А что если изгнание петхаинцев только называется изгнанием? Где граница между изгнанием и исходом? Изгоняемый и исходящий — не оба ли исполняют чужую волю? Действительно ли изгнание есть беда, а исход — праздник? Не все ли люди — рабы, и если якобы только играющийся раб преодолевает своё рабство и обретает свободу, то не есть ли исход лишь игра в освобождение, а изгнание, стало быть, — освобождение от игры и обмана?

Но не только петхаинцы теснили мне душу. Все эти годы после чеченского налёта я собирал списки еврейских поселений по всей разрешённой мне земле. От Польши до Китая. Сотни вымерших и вымирающих общин, о которых я добывал информацию из рассказов, книг, газет и архивов.

В изголовье моей кровати, рядом с карманными часами деда на цепочке из скрепок, висела выцветшая от времени карта Советской страны, исколотая кнопками, под которыми значились города и посёлки, где некогда встарь — по своей ли воле или нет — оказались люди из моего племени вечных скитальцев.

Кто они? Такие же ли, как я и другие петхаинцы? И что помнят, что знают?

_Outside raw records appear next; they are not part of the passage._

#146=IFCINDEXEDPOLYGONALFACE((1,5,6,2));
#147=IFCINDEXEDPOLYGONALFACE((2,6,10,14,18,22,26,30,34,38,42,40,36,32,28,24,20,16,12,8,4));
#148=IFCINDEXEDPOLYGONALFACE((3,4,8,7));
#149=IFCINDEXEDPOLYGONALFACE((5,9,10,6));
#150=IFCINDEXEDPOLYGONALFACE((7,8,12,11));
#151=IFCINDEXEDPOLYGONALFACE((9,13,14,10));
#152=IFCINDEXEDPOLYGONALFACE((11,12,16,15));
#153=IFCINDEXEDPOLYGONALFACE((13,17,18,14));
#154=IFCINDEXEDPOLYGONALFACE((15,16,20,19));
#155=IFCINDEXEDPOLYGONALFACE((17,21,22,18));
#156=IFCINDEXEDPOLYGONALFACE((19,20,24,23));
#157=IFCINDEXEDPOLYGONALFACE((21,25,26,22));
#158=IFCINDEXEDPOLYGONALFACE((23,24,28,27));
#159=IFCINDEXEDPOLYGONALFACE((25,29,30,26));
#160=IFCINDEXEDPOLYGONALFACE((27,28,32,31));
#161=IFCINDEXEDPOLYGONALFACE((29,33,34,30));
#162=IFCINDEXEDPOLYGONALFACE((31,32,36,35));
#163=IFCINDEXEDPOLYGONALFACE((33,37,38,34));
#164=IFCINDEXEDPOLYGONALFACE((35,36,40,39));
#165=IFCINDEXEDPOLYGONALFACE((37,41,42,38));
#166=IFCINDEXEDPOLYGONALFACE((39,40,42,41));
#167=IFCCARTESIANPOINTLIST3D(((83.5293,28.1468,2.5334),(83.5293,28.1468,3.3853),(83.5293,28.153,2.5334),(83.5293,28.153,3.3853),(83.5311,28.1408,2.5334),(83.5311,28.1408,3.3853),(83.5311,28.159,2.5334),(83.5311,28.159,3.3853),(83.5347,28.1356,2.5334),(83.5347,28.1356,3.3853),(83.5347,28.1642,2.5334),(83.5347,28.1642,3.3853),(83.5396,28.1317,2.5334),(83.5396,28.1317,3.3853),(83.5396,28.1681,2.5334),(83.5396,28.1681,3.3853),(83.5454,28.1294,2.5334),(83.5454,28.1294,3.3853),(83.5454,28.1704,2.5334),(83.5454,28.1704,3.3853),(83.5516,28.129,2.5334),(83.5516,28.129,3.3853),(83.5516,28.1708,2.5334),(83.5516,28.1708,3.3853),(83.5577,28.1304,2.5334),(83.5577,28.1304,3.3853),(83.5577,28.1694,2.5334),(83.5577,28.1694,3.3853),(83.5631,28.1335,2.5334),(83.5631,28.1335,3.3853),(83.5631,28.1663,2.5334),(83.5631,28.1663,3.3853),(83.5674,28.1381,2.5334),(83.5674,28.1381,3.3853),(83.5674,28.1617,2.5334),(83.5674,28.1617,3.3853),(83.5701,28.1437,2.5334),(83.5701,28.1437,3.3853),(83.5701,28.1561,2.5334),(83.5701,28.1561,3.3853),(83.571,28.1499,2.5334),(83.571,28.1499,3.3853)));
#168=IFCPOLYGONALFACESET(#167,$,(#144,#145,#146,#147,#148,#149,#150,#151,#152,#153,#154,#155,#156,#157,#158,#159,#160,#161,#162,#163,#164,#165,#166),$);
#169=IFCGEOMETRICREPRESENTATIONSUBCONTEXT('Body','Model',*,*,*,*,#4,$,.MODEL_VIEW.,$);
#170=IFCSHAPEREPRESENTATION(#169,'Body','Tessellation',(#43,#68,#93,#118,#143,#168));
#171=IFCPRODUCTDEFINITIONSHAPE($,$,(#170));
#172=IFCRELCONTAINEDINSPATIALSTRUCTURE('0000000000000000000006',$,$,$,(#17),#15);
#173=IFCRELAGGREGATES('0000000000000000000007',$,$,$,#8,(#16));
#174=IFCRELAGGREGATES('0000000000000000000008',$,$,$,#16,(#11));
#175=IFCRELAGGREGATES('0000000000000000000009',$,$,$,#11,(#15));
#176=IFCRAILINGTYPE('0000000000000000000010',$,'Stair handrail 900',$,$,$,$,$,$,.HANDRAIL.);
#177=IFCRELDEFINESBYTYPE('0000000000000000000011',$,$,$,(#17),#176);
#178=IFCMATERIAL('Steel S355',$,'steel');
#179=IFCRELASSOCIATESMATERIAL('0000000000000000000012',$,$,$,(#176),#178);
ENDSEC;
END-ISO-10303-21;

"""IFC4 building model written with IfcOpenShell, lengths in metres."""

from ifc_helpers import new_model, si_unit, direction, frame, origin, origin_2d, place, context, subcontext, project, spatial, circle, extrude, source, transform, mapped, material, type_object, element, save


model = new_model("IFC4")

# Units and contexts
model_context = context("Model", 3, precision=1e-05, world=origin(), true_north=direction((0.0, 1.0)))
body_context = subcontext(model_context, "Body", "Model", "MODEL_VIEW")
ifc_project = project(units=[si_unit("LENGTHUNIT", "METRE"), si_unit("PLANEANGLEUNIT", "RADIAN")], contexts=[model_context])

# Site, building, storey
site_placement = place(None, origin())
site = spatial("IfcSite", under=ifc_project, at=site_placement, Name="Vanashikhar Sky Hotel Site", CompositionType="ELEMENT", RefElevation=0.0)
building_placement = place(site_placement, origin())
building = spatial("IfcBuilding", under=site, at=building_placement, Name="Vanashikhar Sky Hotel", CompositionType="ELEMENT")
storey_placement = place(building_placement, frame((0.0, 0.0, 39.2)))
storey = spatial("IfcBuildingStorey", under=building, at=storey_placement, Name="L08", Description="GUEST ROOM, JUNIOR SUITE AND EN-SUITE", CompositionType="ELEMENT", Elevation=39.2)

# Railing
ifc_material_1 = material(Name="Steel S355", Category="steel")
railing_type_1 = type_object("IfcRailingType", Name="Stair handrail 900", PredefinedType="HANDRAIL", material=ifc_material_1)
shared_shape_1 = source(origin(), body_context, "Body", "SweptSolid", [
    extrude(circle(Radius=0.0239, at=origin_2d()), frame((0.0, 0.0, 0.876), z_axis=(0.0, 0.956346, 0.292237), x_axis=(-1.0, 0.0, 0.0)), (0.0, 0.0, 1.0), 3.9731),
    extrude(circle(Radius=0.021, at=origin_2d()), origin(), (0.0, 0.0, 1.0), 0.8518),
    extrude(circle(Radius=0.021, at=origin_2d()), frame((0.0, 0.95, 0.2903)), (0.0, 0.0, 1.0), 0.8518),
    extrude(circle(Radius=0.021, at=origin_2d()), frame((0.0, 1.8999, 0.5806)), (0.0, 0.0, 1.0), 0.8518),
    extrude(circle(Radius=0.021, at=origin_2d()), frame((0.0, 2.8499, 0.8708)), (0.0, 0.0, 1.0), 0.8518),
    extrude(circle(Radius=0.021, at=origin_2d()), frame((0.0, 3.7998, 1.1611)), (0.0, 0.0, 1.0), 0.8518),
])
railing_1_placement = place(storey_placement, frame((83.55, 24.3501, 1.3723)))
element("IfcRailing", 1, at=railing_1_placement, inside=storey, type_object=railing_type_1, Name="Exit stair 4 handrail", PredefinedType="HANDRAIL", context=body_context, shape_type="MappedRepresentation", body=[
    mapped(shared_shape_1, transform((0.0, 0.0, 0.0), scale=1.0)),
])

Каждый год в праздник Исхода я бубнил придуманную мной молитву, заклинавшую судьбу погнать меня странником по всем местам, в которых осели потомки людей, познавших как исход, так и изгнание. В тот же день, когда я обратился к властям за разрешением на свой собственный исход, я ушёл из дома с сумкой за плечами, в которой помимо водки и фотокамеры лежали часы деда, карта со стены над кроватью и синяя тетрадь для путевых записей.

Перед выходом на порог я записал в эту тетрадь своё первое ощущение. Испытанное другим человеком много столетий назад: «Если не я, то кто? И если не сейчас, — когда же?» Так началось моё двухлетнее хождение по той стране, обещавшее неизведанные страхи, открывающие ещё одну истину, что быть живым — это роскошь, ибо живём мы меньше, чем не живём.